Journal of Healthcare Engineering

Research Article

Learning to Discriminate Adversarial Examples by Sensitivity Inconsistency in IoHT Systems

Table 3

Detection performance of three detection methods. The model, dataset, and attack method are consistent for the training and testing phases. As Deepwordbug is a character-level attack and FGWS detection is just designed for word-level attacks, the experimental results of Deepwordbug detection with FGWS are not meaningful, and “—” in the table indicates that the experiment is not conducted.

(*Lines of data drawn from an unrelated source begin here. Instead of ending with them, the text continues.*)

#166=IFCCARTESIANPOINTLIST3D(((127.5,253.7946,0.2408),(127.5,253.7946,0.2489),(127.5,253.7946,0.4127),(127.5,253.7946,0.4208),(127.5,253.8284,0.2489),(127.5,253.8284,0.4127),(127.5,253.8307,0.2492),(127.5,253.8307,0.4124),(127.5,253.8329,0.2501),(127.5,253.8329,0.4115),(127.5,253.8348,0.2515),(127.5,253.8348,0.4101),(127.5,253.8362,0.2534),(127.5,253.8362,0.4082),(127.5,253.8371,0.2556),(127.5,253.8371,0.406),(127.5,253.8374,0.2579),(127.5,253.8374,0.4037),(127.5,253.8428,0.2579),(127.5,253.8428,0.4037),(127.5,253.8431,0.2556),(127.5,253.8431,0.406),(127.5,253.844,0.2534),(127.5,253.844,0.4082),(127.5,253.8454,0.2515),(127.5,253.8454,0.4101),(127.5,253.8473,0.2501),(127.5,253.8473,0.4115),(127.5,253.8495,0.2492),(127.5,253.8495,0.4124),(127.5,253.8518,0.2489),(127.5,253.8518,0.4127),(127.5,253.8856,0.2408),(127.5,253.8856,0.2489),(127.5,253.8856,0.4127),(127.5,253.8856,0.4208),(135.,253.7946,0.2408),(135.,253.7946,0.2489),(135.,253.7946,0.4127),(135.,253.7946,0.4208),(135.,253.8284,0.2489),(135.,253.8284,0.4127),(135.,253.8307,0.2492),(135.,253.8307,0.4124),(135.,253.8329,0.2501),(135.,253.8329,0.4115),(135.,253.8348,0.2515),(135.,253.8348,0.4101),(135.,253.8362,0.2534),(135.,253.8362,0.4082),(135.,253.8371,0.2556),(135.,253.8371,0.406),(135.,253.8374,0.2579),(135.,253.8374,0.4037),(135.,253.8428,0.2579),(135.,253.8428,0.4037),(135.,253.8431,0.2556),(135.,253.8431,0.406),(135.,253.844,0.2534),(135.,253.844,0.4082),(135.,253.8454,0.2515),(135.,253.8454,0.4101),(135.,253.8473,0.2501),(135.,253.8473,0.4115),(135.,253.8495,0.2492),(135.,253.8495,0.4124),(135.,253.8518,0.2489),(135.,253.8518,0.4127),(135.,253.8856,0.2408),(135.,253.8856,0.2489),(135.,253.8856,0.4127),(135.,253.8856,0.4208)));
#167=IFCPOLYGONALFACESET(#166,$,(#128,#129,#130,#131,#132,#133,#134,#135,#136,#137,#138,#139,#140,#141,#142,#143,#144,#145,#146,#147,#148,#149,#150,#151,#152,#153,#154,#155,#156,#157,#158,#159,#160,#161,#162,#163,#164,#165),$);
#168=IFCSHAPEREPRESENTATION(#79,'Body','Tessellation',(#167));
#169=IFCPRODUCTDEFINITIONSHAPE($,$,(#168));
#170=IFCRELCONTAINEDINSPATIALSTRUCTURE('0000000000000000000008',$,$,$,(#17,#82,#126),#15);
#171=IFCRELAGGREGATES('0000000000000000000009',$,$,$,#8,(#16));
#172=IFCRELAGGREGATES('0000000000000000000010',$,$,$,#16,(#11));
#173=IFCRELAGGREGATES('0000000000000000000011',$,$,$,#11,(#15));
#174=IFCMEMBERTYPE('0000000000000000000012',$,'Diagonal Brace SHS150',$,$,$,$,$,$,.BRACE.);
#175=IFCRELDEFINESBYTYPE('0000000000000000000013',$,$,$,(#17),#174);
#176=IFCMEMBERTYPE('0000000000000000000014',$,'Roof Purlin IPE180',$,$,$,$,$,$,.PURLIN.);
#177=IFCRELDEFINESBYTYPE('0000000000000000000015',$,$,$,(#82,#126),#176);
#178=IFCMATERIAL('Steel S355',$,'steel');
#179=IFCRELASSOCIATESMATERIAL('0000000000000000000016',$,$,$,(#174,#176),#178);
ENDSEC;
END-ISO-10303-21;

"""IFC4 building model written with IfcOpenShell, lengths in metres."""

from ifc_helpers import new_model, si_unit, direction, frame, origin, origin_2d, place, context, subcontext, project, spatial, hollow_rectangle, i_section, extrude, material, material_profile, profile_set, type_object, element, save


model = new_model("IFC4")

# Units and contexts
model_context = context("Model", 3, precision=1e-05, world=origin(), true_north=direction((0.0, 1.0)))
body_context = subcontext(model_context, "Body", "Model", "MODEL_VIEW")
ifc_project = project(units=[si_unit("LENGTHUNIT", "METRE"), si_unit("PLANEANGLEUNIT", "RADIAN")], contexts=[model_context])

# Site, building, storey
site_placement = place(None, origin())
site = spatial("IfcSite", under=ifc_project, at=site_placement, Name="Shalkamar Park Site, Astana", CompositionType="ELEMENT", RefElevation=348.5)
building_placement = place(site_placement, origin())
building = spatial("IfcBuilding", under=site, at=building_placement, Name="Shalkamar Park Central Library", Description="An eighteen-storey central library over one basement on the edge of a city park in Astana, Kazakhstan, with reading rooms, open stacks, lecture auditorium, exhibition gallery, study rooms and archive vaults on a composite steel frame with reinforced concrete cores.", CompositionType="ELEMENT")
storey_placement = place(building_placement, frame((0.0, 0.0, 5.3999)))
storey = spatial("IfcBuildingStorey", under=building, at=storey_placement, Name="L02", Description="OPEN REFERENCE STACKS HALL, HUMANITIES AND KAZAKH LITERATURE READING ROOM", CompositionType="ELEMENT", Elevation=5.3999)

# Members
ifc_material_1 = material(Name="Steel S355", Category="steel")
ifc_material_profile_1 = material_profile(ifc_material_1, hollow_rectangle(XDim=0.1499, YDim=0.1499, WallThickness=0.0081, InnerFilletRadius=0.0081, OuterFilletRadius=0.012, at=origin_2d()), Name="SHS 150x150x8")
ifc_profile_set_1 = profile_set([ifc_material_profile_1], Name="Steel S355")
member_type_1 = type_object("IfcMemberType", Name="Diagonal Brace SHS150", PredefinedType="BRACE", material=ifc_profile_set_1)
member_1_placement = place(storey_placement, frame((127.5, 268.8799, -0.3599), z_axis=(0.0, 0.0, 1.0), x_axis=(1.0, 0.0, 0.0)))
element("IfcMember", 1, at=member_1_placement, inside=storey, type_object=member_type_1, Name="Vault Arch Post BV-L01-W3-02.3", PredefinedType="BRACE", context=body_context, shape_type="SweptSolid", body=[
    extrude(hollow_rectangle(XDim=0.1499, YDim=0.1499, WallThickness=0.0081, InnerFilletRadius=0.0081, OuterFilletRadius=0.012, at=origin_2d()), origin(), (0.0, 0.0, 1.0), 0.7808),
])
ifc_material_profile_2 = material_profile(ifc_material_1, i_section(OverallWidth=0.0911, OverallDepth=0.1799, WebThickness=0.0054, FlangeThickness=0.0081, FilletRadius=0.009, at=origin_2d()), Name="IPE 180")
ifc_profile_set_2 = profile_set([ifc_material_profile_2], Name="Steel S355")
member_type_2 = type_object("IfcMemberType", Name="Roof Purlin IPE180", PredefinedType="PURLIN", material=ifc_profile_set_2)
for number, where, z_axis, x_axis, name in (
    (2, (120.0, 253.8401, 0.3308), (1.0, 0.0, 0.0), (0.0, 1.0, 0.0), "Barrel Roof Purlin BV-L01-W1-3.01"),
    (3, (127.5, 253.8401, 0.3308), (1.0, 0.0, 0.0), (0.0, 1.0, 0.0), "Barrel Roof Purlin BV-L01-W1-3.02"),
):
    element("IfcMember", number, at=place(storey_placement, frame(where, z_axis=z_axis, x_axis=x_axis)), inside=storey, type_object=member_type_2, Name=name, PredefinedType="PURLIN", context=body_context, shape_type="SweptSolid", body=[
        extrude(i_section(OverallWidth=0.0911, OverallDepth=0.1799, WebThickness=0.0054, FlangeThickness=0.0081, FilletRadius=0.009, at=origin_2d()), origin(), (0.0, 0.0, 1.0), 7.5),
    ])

Model	Dataset	Attack	Recall (%)			F1-score (%)
Model	Dataset	Attack	FGWS	WDR	SIFD	FGWS	WDR	SIFD

BERT	AG’s news	TextFooler	81.5	83.0	91.7	87.5	86.1	90.7
		PWWS	85.1	87.9	91.9	89.7	90.5	92.2
		BAE	49.7	80.0	86.7	57.2	81.2	84.5
		Deepwordbug	—	75.4	85.0	—	78.3	85.6
	IMDB	TextFooler	79.9	95.5	97.2	86.6	95.8	96.4
		PWWS	82.5	92.7	95.5	85.8	94.2	96.0
		BAE	56.7	90.3	96.2	67.8	93.1	96.3
		Deepwordbug	—	92.0	94.2	—	92.7	94.8

CNN	AG’s news	TextFooler	82.9	92.0	95.5	86.2	89.7	91.5
		PWWS	86.8	91.0	94.0	91.2	86.0	90.6
		BAE	56.7	88.2	92.4	62.1	85.5	88.5
		Deepwordbug	—	91.0	92.4	—	86.3	84.9
	IMDB	TextFooler	75.9	89.9	99.7	85.3	91.5	97.8
		PWWS	80.2	87.2	99.0	86.0	87.2	96.5
		BAE	59.8	88.9	98.2	70.1	87.1	96.5
		Deepwordbug	—	91.2	97.9	—	89.6	95.7

LSTM	AG’s news	TextFooler	86.2	91.3	96.2	90.1	87.8	91.2
		PWWS	84.7	84.6	94.5	90.4	86.8	88.5
		BAE	62.2	88.2	91.7	67.9	88.8	90.3
		Deepwordbug	—	83.4	88.6	—	83.3	84.1
	IMDB	TextFooler	77.4	94.8	97.8	83.8	95.0	95.4
		PWWS	70.5	92.5	92.0	80.0	92.4	92.7
		BAE	48.8	95.5	96.9	57.4	95.5	97.7
		Deepwordbug	—	92.0	92.2	—	93.6	91.5

Bold values indicate the optimal results among three defense methods.